2. Angular nozzle electrode, according to claim 1, in which the axis of said inlet end, intermediate and outlet portions extend at angles to each other so that the sin of the angle between the axes of the outlet portion and intermediate portion is about nine-tenths of the sin of the angle between the axes of the outlet portion and inlet end.

3. Angular nozzle electrode, according to claim 2, in which the axis of said outlet portion extends at angles of about 45.degree. to 90.degree. to the angle of said inlet end, and the axis of said intermediate portion extends at an angle of about 4.degree. to 28.degree. to the axis of said inlet portion.

4. Angular nozzle electrode, according to claim 3, in which said inlet end of said passage conically narrows to said intermediate portion.

5. Angular nozzle electrode, according to claim 4, in which the axis of said outlet portion extends at an angle of about 65.degree. to the axis of said inlet end, and in which the axis of said intermediate portion extends at an angle of about 10.degree. to 12.degree. to the axis of said inlet end.

6. Angular nozzle electrode, according to claim 5, including means for feeding flame spray powder in front of said exit port.

7. Angular nozzle electrode, according to claim 6, forming the nozzle electrode on a plasma flame spray gun, having a rod electrode extending coaxially with the axis of said inlet end, means for generating an arc between said rod electrode and said nozzle electrode, and a source of plasma forming gas.

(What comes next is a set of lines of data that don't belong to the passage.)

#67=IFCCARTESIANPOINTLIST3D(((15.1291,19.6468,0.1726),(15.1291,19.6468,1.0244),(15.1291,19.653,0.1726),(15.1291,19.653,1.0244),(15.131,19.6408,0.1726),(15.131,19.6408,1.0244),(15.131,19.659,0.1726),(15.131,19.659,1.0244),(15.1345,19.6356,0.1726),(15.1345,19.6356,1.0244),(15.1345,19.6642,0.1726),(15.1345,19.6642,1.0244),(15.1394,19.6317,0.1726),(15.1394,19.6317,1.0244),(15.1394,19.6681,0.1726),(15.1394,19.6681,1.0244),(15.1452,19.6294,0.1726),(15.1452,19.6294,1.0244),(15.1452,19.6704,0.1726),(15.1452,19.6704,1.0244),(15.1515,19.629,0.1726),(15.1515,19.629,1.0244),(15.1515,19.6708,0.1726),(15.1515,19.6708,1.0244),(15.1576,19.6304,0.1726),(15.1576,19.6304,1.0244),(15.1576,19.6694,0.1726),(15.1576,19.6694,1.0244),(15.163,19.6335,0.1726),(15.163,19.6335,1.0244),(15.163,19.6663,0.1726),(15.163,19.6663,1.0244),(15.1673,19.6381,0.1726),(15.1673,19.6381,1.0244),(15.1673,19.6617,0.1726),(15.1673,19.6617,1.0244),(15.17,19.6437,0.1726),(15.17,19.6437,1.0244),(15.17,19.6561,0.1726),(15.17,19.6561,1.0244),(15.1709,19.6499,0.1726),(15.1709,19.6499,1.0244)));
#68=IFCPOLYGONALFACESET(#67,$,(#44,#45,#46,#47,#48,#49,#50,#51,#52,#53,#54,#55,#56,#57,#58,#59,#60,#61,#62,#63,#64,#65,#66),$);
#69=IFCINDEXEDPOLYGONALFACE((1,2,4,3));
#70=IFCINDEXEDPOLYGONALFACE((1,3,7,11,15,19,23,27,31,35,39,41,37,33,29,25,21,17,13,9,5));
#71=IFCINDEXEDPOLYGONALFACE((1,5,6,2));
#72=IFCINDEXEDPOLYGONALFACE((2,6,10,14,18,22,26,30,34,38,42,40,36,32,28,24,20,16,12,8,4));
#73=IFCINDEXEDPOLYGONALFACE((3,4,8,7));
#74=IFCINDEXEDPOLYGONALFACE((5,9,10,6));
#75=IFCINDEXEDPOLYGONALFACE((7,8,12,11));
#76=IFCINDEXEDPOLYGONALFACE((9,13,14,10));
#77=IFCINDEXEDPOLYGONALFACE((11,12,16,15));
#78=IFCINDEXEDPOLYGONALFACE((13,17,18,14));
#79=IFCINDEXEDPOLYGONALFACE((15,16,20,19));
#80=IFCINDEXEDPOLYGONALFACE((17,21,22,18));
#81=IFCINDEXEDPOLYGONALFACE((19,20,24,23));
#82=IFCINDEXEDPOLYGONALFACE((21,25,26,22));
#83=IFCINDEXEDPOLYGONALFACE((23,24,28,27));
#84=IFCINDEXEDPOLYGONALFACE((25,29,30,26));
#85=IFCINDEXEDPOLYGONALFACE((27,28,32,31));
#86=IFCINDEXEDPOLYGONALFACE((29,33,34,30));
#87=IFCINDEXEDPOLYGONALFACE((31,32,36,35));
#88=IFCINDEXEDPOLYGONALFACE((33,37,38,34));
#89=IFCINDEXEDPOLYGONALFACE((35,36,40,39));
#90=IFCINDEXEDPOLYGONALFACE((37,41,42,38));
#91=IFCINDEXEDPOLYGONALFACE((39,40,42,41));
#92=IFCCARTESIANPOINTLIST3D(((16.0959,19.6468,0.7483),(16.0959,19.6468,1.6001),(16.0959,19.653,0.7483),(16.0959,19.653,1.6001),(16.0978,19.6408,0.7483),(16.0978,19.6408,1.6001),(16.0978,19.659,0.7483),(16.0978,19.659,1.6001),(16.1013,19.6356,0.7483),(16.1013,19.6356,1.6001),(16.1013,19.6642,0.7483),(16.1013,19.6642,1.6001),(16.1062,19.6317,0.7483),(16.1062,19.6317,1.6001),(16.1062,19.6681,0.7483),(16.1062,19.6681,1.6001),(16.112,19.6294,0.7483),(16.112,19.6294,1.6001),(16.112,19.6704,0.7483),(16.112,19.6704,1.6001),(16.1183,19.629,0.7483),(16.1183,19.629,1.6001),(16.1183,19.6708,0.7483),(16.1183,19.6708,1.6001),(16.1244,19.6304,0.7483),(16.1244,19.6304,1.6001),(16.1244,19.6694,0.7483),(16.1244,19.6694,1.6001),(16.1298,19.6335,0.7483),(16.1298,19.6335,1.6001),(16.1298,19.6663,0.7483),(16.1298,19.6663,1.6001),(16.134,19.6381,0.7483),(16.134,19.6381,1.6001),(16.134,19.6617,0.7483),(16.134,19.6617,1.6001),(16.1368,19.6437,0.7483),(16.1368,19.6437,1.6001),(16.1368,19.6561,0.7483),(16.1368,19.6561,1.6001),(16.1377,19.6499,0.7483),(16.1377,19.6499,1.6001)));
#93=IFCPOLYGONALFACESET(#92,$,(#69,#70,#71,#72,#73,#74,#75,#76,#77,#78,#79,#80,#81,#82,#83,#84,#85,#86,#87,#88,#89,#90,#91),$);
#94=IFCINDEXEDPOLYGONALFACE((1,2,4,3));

8. Angular nozzle electrode, according to claim 1, forming the nozzle electrode on a plasma flame spray gun, having a rod electrode extending coaxially with the axis of said inlet end, means for generating an arc between said rod electrode and nozzle electrode, and a source of plasma forming gas.

9. Angular nozzle electrode, according to claim 1, including cooling fluid passages extending in the nozzle body surrounding at least a portion of said first-mentioned passage.

10. Angular nozzle electrode, according to claim 1, including means for feeding flame spray powder in front of said exit port.